# altivar 71?



## GEEEE (Jan 29, 2010)

im am setting up a altivar 71 vfd, i have all parameters set but my drive status says PRA (power removal active) does anyone know why or how to get to READY status? i have skimmed through the book for hours cant find nothing


----------



## Advanced37 (Jan 11, 2010)

GEEEE said:


> im am setting up a altivar 71 vfd, i have all parameters set but my drive status says PRA (power removal active) does anyone know why or how to get to READY status? i have skimmed through the book for hours cant find nothing



How's it wired? Apparently you have an input telling the drive to lock. You need to look in the simplified manual, not the programming manual. Whats the application?


----------



## GEEEE (Jan 29, 2010)

the app for the vfd is a silo agitator but i have it in the shop now testing it . i have it set up with 4-20ma simulator for the input


----------



## John Valdes (May 17, 2007)

Never been a fan of Square D drives. Did you ever get it going and what did you find?
Always good to hear the results!


----------



## Advanced37 (Jan 11, 2010)

John Valdes said:


> Never been a fan of Square D drives. Did you ever get it going and what did you find?
> Always good to hear the results!



I'm a big fan of Square D drives, but thats probably because I work on them all the time. Probably found a jumper missing from 24v to pwr?


----------



## EBFD6 (Aug 17, 2008)

GEEEE said:


> the app for the vfd is a silo agitator but i have it in the shop now testing it . i have it set up with 4-20ma simulator for the input


The drive is probably looking for the motor to be connected to the output terminals. I vaguely recall having this problem a few years ago with an Altivar drive and I believe that was the issue. If the drive does not see the motor it will come up with an error and not allow you to go through start up.


----------



## GEEEE (Jan 29, 2010)

i dont know exactly what the problem was but taking it back to factory settings took care of it.


----------



## taubek (Mar 4, 2011)

*Altivar trouble*

Hello,

It is my first time to work with Altivar frequency inverters. I am trying to start it, but it has a PrA fault that doesn't go off. Wiring is ok, jumper between 24V and PWR is in, red led is on. 
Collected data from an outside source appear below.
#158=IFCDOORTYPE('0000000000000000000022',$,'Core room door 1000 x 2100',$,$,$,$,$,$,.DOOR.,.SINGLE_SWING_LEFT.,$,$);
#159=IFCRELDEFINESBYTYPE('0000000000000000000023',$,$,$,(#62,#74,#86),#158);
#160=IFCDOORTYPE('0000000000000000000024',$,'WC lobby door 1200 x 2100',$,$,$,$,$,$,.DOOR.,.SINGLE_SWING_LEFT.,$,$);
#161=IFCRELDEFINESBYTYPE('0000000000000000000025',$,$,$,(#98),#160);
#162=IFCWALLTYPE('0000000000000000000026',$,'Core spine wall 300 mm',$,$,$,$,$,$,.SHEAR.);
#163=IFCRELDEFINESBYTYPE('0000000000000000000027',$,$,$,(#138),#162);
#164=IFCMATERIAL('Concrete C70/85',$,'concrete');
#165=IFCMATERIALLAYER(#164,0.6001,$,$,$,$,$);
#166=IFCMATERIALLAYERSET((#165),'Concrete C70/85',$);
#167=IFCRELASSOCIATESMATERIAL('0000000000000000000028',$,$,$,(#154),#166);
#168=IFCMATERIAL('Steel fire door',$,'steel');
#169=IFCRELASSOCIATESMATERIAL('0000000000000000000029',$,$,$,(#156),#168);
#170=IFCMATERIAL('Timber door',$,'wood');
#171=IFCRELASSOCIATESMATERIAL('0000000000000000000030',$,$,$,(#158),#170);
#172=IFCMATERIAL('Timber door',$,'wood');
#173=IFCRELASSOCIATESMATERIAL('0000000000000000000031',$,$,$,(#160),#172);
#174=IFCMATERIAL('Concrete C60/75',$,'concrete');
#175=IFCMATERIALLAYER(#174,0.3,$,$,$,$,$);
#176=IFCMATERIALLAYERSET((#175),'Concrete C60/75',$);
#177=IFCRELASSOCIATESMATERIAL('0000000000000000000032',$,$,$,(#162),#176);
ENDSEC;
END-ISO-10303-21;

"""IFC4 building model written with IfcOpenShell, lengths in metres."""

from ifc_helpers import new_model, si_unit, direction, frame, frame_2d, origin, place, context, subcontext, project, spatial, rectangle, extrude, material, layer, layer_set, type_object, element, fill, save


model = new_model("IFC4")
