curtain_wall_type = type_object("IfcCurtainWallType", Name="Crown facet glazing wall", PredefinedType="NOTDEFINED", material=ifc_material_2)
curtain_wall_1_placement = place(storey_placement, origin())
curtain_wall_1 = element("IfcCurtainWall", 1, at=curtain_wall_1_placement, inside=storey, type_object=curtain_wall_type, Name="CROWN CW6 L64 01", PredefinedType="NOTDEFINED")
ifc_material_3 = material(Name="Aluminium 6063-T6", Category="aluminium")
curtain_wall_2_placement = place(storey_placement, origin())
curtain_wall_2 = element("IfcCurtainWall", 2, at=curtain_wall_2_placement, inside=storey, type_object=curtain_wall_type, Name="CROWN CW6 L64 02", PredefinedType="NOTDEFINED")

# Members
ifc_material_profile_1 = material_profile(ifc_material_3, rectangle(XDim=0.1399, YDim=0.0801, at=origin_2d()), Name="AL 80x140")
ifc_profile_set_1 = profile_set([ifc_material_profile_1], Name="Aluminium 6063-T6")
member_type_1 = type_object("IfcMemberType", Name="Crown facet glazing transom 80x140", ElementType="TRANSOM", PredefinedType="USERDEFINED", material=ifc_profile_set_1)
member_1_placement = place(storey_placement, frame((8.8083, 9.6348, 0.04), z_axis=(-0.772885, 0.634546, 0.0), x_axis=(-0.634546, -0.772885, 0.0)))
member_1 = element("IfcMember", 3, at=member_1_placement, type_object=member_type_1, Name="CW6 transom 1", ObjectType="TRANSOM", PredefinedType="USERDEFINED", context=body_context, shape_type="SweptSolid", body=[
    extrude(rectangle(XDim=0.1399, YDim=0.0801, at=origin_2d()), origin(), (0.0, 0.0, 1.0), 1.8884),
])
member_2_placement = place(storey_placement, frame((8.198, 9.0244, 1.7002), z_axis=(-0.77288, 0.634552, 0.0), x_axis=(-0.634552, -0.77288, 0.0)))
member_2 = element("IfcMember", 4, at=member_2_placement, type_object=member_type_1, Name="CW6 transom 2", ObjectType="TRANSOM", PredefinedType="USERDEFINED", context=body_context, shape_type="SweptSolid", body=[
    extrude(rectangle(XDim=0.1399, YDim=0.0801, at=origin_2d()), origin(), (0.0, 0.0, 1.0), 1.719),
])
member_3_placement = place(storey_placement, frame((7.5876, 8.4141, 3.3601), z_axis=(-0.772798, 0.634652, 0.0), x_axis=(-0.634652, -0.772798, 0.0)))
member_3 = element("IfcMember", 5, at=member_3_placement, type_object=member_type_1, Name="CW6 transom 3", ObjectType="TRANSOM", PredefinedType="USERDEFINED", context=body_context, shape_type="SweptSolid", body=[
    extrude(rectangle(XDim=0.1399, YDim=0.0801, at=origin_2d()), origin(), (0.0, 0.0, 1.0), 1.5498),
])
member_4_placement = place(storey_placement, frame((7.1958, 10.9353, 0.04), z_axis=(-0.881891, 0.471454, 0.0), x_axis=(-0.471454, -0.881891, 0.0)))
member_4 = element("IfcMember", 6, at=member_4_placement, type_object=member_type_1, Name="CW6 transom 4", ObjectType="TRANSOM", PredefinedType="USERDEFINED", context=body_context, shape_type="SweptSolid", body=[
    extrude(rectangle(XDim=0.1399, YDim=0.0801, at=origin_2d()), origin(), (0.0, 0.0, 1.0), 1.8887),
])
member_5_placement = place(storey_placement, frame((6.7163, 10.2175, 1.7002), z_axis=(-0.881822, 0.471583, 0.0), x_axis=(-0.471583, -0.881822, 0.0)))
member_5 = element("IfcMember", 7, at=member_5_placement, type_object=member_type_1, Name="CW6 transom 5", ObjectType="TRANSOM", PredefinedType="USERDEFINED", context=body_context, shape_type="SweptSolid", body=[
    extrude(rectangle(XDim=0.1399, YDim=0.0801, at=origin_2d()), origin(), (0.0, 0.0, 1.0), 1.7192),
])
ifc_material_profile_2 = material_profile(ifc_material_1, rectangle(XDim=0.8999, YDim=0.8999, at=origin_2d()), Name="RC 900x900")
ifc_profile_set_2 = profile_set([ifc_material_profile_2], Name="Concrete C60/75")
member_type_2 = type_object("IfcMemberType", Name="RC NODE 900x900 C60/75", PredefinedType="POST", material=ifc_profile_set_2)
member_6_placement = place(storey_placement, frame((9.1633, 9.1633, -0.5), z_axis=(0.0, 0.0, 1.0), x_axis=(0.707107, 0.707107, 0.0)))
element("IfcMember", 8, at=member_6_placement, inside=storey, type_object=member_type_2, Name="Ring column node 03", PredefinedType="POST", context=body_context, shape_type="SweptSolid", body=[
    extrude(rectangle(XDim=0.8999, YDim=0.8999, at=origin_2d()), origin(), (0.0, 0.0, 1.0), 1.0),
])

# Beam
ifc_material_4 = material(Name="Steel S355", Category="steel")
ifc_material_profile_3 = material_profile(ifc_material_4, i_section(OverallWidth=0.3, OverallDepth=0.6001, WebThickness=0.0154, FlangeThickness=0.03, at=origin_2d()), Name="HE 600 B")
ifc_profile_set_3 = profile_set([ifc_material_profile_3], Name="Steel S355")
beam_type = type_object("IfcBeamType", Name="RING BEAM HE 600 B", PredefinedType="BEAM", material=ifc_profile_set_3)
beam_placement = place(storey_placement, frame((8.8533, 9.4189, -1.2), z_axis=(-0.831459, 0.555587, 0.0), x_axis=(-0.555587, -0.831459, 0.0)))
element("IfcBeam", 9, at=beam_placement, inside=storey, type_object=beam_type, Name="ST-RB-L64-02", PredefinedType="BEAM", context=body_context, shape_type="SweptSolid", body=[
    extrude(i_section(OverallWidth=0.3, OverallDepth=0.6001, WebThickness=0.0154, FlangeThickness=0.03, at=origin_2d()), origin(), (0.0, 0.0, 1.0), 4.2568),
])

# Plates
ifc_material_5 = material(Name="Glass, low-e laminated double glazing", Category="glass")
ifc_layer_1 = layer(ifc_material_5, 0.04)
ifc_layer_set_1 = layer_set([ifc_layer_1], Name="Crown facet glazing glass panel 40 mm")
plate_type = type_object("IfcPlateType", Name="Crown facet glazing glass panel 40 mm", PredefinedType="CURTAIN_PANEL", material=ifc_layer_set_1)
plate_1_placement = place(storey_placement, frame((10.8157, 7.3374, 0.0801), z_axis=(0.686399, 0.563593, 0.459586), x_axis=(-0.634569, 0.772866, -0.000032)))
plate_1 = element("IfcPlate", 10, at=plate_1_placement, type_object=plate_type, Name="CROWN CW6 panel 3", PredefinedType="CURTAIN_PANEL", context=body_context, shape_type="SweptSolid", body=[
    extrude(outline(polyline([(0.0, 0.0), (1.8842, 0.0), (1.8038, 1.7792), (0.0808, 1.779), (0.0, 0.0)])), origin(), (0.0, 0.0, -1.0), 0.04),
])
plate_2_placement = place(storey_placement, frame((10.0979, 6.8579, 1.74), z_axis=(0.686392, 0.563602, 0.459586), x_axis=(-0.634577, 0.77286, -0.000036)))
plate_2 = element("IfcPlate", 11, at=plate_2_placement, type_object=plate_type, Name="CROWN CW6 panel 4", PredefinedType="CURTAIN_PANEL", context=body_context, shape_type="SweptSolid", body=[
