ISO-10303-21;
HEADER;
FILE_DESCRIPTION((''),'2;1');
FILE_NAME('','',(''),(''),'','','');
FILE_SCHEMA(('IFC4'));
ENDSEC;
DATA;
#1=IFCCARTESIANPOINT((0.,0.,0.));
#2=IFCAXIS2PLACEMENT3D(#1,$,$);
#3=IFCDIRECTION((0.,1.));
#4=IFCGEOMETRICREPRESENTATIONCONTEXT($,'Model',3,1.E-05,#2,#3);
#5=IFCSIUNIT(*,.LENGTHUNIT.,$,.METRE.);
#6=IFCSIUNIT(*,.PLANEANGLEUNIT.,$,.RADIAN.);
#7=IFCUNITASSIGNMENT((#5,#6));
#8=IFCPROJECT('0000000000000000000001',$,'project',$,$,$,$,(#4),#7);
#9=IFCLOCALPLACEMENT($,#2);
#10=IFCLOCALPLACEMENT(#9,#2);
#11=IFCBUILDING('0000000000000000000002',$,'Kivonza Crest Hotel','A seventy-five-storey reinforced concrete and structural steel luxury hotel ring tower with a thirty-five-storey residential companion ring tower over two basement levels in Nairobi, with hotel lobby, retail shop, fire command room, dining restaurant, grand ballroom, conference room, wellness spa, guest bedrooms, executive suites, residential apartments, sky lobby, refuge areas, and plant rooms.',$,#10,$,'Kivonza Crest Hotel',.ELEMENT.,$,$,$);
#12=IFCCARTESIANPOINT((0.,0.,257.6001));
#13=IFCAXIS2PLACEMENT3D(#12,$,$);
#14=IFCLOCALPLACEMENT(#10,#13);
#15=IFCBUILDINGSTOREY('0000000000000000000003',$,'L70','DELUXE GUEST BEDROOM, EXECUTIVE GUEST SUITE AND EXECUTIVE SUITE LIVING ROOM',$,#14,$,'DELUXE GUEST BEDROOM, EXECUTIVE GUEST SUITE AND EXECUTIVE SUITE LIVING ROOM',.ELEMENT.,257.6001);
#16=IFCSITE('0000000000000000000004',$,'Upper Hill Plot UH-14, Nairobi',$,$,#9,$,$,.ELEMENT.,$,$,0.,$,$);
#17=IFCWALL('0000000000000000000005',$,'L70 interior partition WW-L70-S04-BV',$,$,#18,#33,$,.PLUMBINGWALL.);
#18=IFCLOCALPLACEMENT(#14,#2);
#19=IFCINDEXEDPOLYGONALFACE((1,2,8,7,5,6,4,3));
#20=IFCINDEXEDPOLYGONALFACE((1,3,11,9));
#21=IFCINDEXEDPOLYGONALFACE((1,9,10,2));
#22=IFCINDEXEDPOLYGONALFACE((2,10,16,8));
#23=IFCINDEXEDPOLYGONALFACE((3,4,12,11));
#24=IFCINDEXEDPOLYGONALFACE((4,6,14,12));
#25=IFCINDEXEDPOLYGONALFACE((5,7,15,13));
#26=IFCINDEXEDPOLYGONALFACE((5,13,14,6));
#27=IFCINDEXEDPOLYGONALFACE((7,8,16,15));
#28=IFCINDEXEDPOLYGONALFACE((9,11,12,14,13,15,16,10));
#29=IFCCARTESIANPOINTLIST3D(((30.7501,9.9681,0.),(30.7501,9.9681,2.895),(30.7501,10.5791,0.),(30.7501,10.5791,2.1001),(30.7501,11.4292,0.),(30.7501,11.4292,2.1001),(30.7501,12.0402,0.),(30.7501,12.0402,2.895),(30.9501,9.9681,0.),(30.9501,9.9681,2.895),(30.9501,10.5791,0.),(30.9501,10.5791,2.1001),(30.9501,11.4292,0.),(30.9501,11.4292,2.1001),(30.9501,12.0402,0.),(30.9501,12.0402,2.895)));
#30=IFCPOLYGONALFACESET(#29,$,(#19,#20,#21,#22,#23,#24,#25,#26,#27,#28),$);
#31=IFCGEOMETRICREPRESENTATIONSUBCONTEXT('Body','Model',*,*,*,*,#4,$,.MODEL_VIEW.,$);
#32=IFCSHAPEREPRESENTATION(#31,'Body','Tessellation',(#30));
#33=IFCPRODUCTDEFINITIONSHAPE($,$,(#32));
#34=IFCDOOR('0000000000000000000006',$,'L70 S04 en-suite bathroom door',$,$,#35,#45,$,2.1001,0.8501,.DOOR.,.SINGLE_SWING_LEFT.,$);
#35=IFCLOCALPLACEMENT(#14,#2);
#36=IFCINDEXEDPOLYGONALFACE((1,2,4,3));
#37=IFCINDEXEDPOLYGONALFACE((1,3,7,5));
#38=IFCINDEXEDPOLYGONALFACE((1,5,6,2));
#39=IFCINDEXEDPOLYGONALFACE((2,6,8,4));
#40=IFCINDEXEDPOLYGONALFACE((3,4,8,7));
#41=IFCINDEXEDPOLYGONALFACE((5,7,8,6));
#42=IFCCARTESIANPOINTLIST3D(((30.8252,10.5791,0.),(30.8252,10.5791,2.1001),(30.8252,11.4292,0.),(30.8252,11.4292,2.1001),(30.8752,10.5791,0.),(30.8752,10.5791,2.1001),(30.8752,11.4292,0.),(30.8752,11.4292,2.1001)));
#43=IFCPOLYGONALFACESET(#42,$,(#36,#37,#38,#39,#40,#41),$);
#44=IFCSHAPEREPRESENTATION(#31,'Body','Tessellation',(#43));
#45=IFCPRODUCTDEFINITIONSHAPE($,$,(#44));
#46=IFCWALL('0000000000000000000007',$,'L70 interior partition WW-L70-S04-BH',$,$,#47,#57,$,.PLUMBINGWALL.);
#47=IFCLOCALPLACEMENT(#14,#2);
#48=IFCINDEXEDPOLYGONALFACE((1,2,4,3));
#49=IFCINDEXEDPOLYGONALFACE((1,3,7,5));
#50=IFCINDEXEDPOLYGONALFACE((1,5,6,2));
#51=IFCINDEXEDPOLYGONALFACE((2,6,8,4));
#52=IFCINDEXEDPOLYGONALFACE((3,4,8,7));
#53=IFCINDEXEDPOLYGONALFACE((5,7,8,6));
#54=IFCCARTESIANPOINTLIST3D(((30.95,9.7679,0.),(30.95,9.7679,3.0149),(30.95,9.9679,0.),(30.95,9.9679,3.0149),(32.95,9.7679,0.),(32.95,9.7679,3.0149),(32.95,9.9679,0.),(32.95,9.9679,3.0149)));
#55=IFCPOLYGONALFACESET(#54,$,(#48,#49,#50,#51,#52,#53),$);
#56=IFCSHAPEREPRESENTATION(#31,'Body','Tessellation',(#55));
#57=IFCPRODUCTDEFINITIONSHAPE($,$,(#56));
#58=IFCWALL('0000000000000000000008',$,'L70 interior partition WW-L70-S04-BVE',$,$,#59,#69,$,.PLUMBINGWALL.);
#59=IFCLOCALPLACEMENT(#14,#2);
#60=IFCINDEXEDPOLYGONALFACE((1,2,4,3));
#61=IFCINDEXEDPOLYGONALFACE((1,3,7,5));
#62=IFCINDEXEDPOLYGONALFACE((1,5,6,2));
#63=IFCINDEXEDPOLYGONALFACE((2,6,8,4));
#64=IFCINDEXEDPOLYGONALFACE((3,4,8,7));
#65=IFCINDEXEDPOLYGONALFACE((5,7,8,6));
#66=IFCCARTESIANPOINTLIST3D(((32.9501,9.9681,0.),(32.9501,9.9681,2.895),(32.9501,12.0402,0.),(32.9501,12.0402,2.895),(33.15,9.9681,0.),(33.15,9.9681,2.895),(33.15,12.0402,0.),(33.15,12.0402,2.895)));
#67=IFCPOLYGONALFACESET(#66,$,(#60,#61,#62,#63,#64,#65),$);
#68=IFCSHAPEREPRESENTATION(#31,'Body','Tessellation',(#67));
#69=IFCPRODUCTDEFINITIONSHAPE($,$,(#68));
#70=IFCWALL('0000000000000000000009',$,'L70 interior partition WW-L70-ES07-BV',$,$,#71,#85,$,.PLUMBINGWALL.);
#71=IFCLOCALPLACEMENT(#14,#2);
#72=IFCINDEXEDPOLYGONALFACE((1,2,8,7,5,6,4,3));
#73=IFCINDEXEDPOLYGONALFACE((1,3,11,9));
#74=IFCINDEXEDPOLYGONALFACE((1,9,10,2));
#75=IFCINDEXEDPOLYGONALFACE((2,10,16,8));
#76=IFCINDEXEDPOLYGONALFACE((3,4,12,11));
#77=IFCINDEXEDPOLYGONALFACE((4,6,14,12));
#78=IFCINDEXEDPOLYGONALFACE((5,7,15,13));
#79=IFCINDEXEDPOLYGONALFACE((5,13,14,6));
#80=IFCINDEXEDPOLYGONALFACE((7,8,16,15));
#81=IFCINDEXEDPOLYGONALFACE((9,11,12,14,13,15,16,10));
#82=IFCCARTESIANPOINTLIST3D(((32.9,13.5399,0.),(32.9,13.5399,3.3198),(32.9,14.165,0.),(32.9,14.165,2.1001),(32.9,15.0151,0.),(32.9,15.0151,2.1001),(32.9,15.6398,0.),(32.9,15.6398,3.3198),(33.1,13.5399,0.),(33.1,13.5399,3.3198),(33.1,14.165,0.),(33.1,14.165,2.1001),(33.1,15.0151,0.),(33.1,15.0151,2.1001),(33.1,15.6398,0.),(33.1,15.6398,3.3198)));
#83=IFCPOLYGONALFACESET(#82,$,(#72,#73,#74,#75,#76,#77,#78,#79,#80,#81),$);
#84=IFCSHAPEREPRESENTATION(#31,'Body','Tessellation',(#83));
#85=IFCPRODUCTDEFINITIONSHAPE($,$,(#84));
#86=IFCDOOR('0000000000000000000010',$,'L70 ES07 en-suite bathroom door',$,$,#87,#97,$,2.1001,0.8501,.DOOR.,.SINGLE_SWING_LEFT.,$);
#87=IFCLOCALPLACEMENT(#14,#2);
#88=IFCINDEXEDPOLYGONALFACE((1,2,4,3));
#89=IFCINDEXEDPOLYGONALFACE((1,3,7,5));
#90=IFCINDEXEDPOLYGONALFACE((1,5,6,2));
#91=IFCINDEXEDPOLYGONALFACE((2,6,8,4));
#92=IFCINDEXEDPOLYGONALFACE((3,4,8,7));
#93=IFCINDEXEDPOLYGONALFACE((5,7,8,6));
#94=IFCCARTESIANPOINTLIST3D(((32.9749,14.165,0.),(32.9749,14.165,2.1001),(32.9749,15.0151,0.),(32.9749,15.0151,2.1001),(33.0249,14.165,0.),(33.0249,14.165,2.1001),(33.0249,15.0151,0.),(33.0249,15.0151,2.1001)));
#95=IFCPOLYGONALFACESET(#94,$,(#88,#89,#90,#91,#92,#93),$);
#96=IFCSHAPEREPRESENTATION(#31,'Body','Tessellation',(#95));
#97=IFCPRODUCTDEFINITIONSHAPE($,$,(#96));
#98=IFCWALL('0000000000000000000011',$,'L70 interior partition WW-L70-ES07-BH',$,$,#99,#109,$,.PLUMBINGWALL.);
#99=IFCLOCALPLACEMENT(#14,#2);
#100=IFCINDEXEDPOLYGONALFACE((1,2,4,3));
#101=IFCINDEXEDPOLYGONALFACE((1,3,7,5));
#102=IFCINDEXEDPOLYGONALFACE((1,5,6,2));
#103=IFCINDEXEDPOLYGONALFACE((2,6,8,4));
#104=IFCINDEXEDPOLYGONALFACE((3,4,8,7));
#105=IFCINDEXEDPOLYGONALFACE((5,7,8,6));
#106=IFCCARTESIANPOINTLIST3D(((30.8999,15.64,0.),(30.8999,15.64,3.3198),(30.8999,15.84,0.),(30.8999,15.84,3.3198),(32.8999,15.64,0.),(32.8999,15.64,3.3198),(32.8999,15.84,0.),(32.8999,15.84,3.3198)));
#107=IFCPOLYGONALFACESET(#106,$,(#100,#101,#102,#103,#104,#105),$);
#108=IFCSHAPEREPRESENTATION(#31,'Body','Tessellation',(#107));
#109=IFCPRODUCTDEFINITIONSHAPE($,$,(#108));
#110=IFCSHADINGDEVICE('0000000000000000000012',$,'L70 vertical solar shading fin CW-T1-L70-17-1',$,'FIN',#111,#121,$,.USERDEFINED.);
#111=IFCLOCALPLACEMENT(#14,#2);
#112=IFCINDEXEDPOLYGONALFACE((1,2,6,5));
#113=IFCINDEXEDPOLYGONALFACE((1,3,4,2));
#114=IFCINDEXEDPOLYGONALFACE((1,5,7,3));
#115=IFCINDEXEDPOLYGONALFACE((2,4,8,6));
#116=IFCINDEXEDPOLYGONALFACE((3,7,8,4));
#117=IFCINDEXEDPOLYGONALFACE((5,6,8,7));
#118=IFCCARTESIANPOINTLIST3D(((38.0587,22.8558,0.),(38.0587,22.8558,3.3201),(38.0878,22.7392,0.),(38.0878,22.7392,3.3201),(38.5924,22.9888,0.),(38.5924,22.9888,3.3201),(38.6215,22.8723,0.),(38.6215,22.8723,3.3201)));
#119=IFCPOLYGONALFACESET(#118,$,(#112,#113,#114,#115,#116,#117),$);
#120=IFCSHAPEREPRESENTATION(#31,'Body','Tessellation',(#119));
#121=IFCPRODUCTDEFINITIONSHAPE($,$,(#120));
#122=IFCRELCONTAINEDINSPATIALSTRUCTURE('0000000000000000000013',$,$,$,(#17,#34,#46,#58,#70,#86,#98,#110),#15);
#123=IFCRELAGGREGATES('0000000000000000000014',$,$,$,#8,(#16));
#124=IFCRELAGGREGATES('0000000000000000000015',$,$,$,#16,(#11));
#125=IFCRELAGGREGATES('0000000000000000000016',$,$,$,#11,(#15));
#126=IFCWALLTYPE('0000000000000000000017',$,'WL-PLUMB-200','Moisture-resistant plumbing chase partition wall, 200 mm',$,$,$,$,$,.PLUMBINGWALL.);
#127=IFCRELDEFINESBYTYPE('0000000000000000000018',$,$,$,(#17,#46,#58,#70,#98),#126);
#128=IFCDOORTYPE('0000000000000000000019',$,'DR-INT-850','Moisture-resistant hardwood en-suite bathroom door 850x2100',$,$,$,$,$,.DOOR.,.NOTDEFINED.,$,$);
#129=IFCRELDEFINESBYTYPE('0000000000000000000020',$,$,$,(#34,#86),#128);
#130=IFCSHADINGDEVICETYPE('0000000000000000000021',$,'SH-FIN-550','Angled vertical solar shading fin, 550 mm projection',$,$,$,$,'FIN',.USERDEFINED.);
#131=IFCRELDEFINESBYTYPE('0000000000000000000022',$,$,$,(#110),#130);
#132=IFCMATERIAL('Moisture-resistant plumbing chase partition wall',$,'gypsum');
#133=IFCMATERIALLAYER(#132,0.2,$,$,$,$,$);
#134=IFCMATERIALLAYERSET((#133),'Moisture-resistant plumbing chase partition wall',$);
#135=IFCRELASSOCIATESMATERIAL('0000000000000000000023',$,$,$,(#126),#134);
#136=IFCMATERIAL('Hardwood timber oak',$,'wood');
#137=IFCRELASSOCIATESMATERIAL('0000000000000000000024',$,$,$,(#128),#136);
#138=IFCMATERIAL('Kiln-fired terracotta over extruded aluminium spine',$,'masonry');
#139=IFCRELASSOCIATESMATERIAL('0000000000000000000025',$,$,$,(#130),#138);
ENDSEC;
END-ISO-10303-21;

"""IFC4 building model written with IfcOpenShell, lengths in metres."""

from ifc_helpers import new_model, si_unit, direction, frame, frame_2d, origin, origin_2d, place, context, subcontext, project, spatial, rectangle, extrude, material, layer, layer_set, type_object, element, fill, save


model = new_model("IFC4")

# Units and contexts
model_context = context("Model", 3, precision=1e-05, world=origin(), true_north=direction((0.0, 1.0)))
body_context = subcontext(model_context, "Body", "Model", "MODEL_VIEW")
ifc_project = project(units=[si_unit("LENGTHUNIT", "METRE"), si_unit("PLANEANGLEUNIT", "RADIAN")], contexts=[model_context])

# Site, building, storey
site_placement = place(None, origin())
site = spatial("IfcSite", under=ifc_project, at=site_placement, Name="Upper Hill Plot UH-14, Nairobi", CompositionType="ELEMENT", RefElevation=0.0)
building_placement = place(site_placement, origin())
building = spatial("IfcBuilding", under=site, at=building_placement, Name="Kivonza Crest Hotel", Description="A seventy-five-storey reinforced concrete and structural steel luxury hotel ring tower with a thirty-five-storey residential companion ring tower over two basement levels in Nairobi, with hotel lobby, retail shop, fire command room, dining restaurant, grand ballroom, conference room, wellness spa, guest bedrooms, executive suites, residential apartments, sky lobby, refuge areas, and plant rooms.", LongName="Kivonza Crest Hotel", CompositionType="ELEMENT")
storey_placement = place(building_placement, frame((0.0, 0.0, 257.6001)))
storey = spatial("IfcBuildingStorey", under=building, at=storey_placement, Name="L70", Description="DELUXE GUEST BEDROOM, EXECUTIVE GUEST SUITE AND EXECUTIVE SUITE LIVING ROOM", LongName="DELUXE GUEST BEDROOM, EXECUTIVE GUEST SUITE AND EXECUTIVE SUITE LIVING ROOM", CompositionType="ELEMENT", Elevation=257.6001)

# Shared definitions
ifc_material_1 = material(Name="Hardwood timber oak", Category="wood")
Another problem is, that ther is no 24V that goes to digital inputs, i guess that is because of previous fault...

It worked when i got it, but because it is my first time and i want to learn things, i want to set all parameters by my self, so i put it to factory settings. Can you help me to get rid of this PrA error please.

Best regards, Taubek

p.s. reason that i work with this inverter is a regulation around the setpoint (temperature and fan). Higher than temperature is, faster should fan rotates. My job is to set basic frequency with analog input 1, and than i have to make this corrections with analog input2. Any suggestions will be appreciated.


----------



## JRaef (Mar 23, 2009)

I do a _LOT_of VFD work. I have probably worked on every brand out there now. *I ABSOLUTELY HATE the Altivar 71 drive*. I had issues with the "Reverse French Notation" in their manual, I found it next to impossible to understand. When I had trouble getting the PID loop to work properly, I had their tech support people on my cell phone for 5 hours! I finally gave up and scrapped it, replaced it with an ABB and got it working in 5 minutes.

That said, the "Power Removal" is an input designed for Safety Circuits, in other words it is a legally qualified "Safe Power Off / Safe Torque Off" input so that if you must get SIL3 Safety Certification using a VFD, it qualifies (assuming you do everything right). If you do not apply 24VDC to that input, the VFD is for all intents and purposes, not connected. You must have that jumper installed if you are not using a Safety Relay. But if it's in and still not working, you may have to reset it by removing it with control power applied and re-installing it.

I burned my manuals otherwise I'd help you to find it, I just remember that issue as one of the snake bites I got that day...


----------



## taubek (Mar 4, 2011)

thanks for your reply. I was hoping to some more encourages words... The customer asked for exact this type of freqency inverter so we have to make it work. I have been working with siemens and mitsubishi inverters before and those worked fine in few minutes...

can anyone help me with this Altivar71?


----------



## John Valdes (May 17, 2007)

taubek said:


> thanks for your reply. I was hoping to some more encourages words... The customer asked for exact this type of freqency inverter so we have to make it work. I have been working with siemens and mitsubishi inverters before and those worked fine in few minutes...
> 
> can anyone help me with this Altivar71?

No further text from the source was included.